[RFC] fetch: update refs in a single transaction

* [RFC] fetch: update refs in a single transaction
@ 2021-12-07 14:24 Patrick Steinhardt
  2021-12-08  8:15 ` Christian Couder
  2021-12-09 21:53 ` Junio C Hamano
  0 siblings, 2 replies; 8+ messages in thread
From: Patrick Steinhardt @ 2021-12-07 14:24 UTC (permalink / raw)
  To: git; +Cc: Han-Wen Nienhuys, Jeff King

[-- Attachment #1: Type: text/plain, Size: 6798 bytes --]

When git-fetch(1) isn't called with the `--atomic` flag, then each
reference will be updated in a separate transaction. As a result, even
if we failed to update a subset of transactions, the remaining refs will
be modified after the command has finished. While this pattern is
reasonably efficient with the files backend where we'd lock and write
each file separately anyway, the upcoming reftable backend could handle
such an update a lot more efficiently if it was batched into a single
transaction given that it could then create a single new reftable slice
instead of creating one slice per updated ref. While this inefficiency
can be easily mitigated by using the `--atomic` flag, this flag cannot
be used in contexts where we want partial-update semantics.

Convert git-fetch(1) to always use a single reference transaction,
regardless of whether it is called with `--atomic` or not.

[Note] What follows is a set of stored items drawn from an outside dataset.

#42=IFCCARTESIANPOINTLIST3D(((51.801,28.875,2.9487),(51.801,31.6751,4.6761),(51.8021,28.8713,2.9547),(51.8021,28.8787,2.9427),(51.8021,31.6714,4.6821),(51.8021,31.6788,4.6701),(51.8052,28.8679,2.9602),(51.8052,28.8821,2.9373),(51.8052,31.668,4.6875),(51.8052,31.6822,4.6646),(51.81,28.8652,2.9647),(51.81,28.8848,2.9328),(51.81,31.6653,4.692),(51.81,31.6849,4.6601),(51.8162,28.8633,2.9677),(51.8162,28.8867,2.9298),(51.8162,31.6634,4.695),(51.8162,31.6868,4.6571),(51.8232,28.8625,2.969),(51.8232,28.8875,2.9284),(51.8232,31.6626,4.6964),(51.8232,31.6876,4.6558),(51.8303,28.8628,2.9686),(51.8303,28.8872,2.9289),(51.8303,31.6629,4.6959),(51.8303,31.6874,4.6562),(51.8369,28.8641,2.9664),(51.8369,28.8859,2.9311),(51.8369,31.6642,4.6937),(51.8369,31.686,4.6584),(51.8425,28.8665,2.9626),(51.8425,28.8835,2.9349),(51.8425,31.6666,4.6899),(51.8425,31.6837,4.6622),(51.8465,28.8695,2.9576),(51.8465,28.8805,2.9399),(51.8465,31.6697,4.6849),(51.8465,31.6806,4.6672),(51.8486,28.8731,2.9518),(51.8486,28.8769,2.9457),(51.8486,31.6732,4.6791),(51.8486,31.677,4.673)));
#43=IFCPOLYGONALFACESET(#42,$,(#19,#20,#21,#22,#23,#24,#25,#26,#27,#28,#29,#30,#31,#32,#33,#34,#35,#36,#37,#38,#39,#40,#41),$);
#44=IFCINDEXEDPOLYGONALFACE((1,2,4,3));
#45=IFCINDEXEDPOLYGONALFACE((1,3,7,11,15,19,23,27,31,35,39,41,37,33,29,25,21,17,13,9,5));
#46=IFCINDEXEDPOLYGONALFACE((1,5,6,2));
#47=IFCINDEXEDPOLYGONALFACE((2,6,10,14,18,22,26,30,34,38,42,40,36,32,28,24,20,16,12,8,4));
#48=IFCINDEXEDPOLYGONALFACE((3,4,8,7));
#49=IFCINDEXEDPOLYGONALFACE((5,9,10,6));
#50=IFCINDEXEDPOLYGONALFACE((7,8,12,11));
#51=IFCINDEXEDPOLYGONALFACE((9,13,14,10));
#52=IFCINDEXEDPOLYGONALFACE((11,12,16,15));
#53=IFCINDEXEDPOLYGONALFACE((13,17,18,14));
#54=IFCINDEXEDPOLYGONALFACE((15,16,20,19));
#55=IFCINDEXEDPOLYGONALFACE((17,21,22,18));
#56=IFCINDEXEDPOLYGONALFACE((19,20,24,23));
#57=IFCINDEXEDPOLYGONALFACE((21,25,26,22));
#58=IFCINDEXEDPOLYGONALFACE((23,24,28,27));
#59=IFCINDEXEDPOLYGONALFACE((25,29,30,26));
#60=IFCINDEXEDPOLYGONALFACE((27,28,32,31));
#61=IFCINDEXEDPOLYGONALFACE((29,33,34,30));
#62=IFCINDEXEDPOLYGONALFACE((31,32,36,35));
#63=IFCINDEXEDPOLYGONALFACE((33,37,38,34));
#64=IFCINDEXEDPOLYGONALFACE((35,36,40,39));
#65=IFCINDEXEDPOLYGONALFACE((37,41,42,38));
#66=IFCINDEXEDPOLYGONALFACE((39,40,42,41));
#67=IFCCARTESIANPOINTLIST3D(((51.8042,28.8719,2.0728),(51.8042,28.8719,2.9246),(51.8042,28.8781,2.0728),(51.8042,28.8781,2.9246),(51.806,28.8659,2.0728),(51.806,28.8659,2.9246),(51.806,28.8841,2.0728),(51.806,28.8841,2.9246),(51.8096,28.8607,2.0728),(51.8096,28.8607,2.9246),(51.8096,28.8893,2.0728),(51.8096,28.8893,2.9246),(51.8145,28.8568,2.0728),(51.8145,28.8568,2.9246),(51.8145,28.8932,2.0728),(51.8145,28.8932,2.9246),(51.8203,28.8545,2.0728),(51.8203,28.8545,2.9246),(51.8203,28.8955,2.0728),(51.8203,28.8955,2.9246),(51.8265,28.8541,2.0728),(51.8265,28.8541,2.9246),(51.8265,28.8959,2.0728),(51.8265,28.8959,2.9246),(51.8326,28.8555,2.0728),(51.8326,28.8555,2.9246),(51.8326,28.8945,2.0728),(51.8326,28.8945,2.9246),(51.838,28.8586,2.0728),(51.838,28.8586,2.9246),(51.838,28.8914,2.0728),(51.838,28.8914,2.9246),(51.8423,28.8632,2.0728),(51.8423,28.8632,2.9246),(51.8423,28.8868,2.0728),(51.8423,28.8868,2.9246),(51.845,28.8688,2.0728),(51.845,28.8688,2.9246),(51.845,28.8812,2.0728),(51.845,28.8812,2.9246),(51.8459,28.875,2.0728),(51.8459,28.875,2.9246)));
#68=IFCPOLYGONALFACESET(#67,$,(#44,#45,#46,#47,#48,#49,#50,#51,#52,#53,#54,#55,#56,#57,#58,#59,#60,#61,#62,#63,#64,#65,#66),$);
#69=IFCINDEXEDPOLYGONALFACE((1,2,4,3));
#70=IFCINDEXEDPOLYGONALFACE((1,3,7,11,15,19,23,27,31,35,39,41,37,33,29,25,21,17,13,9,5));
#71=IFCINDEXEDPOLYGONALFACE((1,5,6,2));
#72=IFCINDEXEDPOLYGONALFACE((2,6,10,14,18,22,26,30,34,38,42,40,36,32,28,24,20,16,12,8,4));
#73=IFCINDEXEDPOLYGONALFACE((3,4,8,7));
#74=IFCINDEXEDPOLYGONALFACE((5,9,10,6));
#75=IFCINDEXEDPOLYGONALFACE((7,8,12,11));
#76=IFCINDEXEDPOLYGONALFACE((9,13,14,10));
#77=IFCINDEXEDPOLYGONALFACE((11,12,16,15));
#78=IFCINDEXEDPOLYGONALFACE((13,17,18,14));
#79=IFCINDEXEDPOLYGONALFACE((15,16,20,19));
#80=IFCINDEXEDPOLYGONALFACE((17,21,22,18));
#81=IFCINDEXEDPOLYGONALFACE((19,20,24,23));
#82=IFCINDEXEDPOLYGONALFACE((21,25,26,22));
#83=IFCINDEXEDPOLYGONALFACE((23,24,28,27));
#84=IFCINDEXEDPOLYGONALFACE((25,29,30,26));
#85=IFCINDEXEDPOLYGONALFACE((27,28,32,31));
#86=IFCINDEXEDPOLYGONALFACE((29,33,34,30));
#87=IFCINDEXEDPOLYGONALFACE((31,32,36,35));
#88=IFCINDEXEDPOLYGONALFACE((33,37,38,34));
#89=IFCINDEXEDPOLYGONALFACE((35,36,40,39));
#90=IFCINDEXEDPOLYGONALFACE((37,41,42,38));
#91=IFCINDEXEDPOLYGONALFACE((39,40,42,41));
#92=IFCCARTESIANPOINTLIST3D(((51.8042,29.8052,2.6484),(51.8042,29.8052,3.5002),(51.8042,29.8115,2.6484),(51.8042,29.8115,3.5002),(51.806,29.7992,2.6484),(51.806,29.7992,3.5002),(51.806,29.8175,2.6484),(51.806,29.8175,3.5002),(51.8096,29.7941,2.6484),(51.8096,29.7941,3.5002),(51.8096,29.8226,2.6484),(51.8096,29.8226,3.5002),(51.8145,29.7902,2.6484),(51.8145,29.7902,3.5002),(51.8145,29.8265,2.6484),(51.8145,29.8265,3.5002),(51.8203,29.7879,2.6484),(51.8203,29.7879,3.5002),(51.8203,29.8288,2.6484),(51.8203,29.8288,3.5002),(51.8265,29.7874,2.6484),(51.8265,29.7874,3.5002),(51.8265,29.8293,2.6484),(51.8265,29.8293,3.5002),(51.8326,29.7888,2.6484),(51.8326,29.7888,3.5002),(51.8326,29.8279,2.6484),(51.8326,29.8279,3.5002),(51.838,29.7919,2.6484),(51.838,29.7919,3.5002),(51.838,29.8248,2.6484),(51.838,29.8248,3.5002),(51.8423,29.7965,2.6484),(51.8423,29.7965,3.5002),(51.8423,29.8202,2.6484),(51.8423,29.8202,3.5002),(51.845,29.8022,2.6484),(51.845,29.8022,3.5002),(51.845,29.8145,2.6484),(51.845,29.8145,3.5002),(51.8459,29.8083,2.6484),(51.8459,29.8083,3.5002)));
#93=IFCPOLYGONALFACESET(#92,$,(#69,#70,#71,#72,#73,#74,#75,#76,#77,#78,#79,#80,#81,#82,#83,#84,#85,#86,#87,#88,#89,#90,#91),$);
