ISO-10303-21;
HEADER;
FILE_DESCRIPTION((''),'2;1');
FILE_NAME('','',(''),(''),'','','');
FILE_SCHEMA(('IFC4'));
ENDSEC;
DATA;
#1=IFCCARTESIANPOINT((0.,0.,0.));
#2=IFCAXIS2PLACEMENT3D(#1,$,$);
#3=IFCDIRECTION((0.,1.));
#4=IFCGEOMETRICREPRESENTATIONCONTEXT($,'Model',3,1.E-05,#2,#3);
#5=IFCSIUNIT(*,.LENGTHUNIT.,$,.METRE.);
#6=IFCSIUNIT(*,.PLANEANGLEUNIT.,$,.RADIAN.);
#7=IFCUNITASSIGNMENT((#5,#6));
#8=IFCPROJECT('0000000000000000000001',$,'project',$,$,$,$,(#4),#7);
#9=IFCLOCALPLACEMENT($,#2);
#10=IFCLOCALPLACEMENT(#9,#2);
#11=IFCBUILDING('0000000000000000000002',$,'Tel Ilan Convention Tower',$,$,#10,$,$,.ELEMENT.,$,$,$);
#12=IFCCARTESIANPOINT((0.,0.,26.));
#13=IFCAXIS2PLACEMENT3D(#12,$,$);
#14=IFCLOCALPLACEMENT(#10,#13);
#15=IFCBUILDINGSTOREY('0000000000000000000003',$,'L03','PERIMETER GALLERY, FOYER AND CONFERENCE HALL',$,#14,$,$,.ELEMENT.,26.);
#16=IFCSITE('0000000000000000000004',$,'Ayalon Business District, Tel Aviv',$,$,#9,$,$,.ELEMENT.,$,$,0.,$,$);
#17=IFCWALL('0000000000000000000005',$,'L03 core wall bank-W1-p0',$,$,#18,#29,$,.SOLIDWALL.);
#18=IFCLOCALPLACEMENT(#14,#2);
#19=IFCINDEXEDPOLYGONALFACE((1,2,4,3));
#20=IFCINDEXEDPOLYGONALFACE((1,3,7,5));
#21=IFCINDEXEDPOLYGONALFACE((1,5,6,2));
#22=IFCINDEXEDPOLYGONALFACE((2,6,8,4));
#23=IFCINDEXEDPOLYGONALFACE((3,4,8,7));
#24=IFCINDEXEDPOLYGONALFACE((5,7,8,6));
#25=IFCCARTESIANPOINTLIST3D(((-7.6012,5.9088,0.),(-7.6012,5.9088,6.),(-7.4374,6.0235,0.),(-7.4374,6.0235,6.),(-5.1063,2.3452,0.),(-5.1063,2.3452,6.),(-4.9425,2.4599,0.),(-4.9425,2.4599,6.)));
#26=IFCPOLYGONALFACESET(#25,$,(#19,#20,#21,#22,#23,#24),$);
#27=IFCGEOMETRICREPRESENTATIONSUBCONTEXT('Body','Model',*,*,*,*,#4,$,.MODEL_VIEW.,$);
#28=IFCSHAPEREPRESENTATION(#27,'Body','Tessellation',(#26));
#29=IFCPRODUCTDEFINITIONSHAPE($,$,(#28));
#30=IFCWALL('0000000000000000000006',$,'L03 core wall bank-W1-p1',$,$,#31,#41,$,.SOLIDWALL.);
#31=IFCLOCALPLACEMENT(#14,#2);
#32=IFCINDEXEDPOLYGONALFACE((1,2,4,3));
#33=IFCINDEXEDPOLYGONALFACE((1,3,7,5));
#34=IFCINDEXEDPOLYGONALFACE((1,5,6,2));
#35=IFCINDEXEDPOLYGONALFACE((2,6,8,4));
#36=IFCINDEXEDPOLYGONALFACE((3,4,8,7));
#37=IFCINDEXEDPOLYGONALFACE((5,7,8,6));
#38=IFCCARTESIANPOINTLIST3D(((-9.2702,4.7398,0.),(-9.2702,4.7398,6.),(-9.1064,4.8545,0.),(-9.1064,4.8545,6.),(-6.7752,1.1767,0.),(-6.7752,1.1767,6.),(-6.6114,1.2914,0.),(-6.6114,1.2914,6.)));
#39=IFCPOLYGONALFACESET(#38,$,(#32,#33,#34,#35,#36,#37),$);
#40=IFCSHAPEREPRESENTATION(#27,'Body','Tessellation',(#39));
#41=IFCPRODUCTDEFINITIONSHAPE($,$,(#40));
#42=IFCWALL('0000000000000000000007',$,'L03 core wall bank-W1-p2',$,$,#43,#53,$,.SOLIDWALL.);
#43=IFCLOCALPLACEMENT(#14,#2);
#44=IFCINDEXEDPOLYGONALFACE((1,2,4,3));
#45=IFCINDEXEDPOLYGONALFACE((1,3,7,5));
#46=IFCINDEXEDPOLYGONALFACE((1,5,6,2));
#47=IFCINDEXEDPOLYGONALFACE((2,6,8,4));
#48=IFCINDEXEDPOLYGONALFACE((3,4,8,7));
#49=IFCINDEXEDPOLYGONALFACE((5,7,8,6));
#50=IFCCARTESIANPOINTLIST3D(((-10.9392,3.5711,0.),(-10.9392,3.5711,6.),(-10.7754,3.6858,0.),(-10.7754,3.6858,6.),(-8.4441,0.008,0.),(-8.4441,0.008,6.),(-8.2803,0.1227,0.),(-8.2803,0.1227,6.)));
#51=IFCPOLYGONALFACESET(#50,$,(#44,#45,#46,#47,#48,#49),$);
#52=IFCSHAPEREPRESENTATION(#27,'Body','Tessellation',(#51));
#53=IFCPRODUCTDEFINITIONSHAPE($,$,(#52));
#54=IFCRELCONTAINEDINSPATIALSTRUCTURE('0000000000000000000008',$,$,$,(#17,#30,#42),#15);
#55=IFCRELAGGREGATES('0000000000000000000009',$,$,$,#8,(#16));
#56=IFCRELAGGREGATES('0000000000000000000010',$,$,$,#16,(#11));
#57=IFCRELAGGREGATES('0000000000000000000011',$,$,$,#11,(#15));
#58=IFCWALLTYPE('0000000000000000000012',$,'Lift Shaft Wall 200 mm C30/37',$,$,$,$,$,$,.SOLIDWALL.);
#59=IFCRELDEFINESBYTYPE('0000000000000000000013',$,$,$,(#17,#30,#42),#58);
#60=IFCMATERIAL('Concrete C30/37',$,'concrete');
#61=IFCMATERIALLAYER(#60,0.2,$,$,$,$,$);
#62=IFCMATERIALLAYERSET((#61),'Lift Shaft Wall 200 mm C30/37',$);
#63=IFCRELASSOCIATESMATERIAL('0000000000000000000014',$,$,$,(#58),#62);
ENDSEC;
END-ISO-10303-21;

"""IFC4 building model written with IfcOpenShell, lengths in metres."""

from ifc_helpers import new_model, si_unit, direction, frame, frame_2d, origin, place, context, subcontext, project, spatial, rectangle, extrude, material, layer, layer_set, type_object, element, save


model = new_model("IFC4")

# Units and contexts
model_context = context("Model", 3, precision=1e-05, world=origin(), true_north=direction((0.0, 1.0)))
body_context = subcontext(model_context, "Body", "Model", "MODEL_VIEW")
ifc_project = project(units=[si_unit("LENGTHUNIT", "METRE"), si_unit("PLANEANGLEUNIT", "RADIAN")], contexts=[model_context])

# Site, building, storey
site_placement = place(None, origin())
site = spatial("IfcSite", under=ifc_project, at=site_placement, Name="Ayalon Business District, Tel Aviv", CompositionType="ELEMENT", RefElevation=0.0)
building_placement = place(site_placement, origin())
building = spatial("IfcBuilding", under=site, at=building_placement, Name="Tel Ilan Convention Tower", CompositionType="ELEMENT")
storey_placement = place(building_placement, frame((0.0, 0.0, 26.0)))
storey = spatial("IfcBuildingStorey", under=building, at=storey_placement, Name="L03", Description="PERIMETER GALLERY, FOYER AND CONFERENCE HALL", CompositionType="ELEMENT", Elevation=26.0)

# Walls
ifc_material_1 = material(Name="Concrete C30/37", Category="concrete")
ifc_layer_1 = layer(ifc_material_1, 0.2)
ifc_layer_set_1 = layer_set([ifc_layer_1], Name="Lift Shaft Wall 200 mm C30/37")
wall_type_1 = type_object("IfcWallType", Name="Lift Shaft Wall 200 mm C30/37", PredefinedType="SOLIDWALL", material=ifc_layer_set_1)
wall_1_placement = place(storey_placement, frame((-5.0244, 2.4026, 0.0), z_axis=(0.0, 0.0, 1.0), x_axis=(-0.57353, 0.819184, 0.0)))
element("IfcWall", 1, at=wall_1_placement, inside=storey, type_object=wall_type_1, Name="L03 core wall bank-W1-p0", PredefinedType="SOLIDWALL", context=body_context, shape_type="SweptSolid", body=[
    extrude(rectangle(XDim=4.3501, YDim=0.2, at=frame_2d((2.175, 0.0))), origin(), (0.0, 0.0, 1.0), 6.0),
])
for number, where, z_axis, x_axis, name in (
    (2, (-6.6934, 1.2341, 0.0), (0.0, 0.0, 1.0), (-0.573594, 0.81914, 0.0), "L03 core wall bank-W1-p1"),
    (3, (-8.3623, 0.0654, 0.0), (0.0, 0.0, 1.0), (-0.573594, 0.81914, 0.0), "L03 core wall bank-W1-p2"),
):
    element("IfcWall", number, at=place(storey_placement, frame(where, z_axis=z_axis, x_axis=x_axis)), inside=storey, type_object=wall_type_1, Name=name, PredefinedType="SOLIDWALL", context=body_context, shape_type="SweptSolid", body=[
        extrude(rectangle(XDim=4.3499, YDim=0.2, at=frame_2d((2.1748, 0.0))), origin(), (0.0, 0.0, 1.0), 6.0),
    ])

save(model, "model.ifc")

The only
remaining difference between both modes is that with `--atomic` set,
we'd abort the transaciton in case at least one reference cannot be
updated.

Note that this slightly changes semantics of git-fetch(1): if we hit any
unexpected errors like the reference update racing with another process,
then we'll now fail to update any references, too.

Signed-off-by: Patrick Steinhardt <ps@pks.im>
---
 builtin/fetch.c | 78 ++++++++++++++++---------------------------------
 1 file changed, 25 insertions(+), 53 deletions(-)

Hi,

until now, we have been quite lenient with creating lots of reference
transactions even though they could've been bundled together into a
single transaction. After all, it didn't have much of a downside in most
contexts with the files backend: we'd have to lock each loose ref
separately anyway. I'd like to get some feedback on changing our stance
here, due to multiple reasons:

    - The upcoming reftable backend will be more efficient if we use a
      single transaction to bundle together multiple ref updates given
      that it only needs to write one new slice instead of one per
      update.

    - Syncing refs to disk can be batched more efficiently if we bundle
      ref updates. See my initial patch series to implement fsync-ing
      refs [1] and Peff's benchmarks [2] demonstrating that fetches may
      become a lot slower.

    - The reference-transaction hook can be used more efficiently given
      that it would only need to execute twice, instead of twice per
      updated ref. It also has a more global view of what's happening.
      While this is a concern of mine, it's a non-reason in the context
      of the Git project given that we really ought not to change
      semantics only to appease this hook.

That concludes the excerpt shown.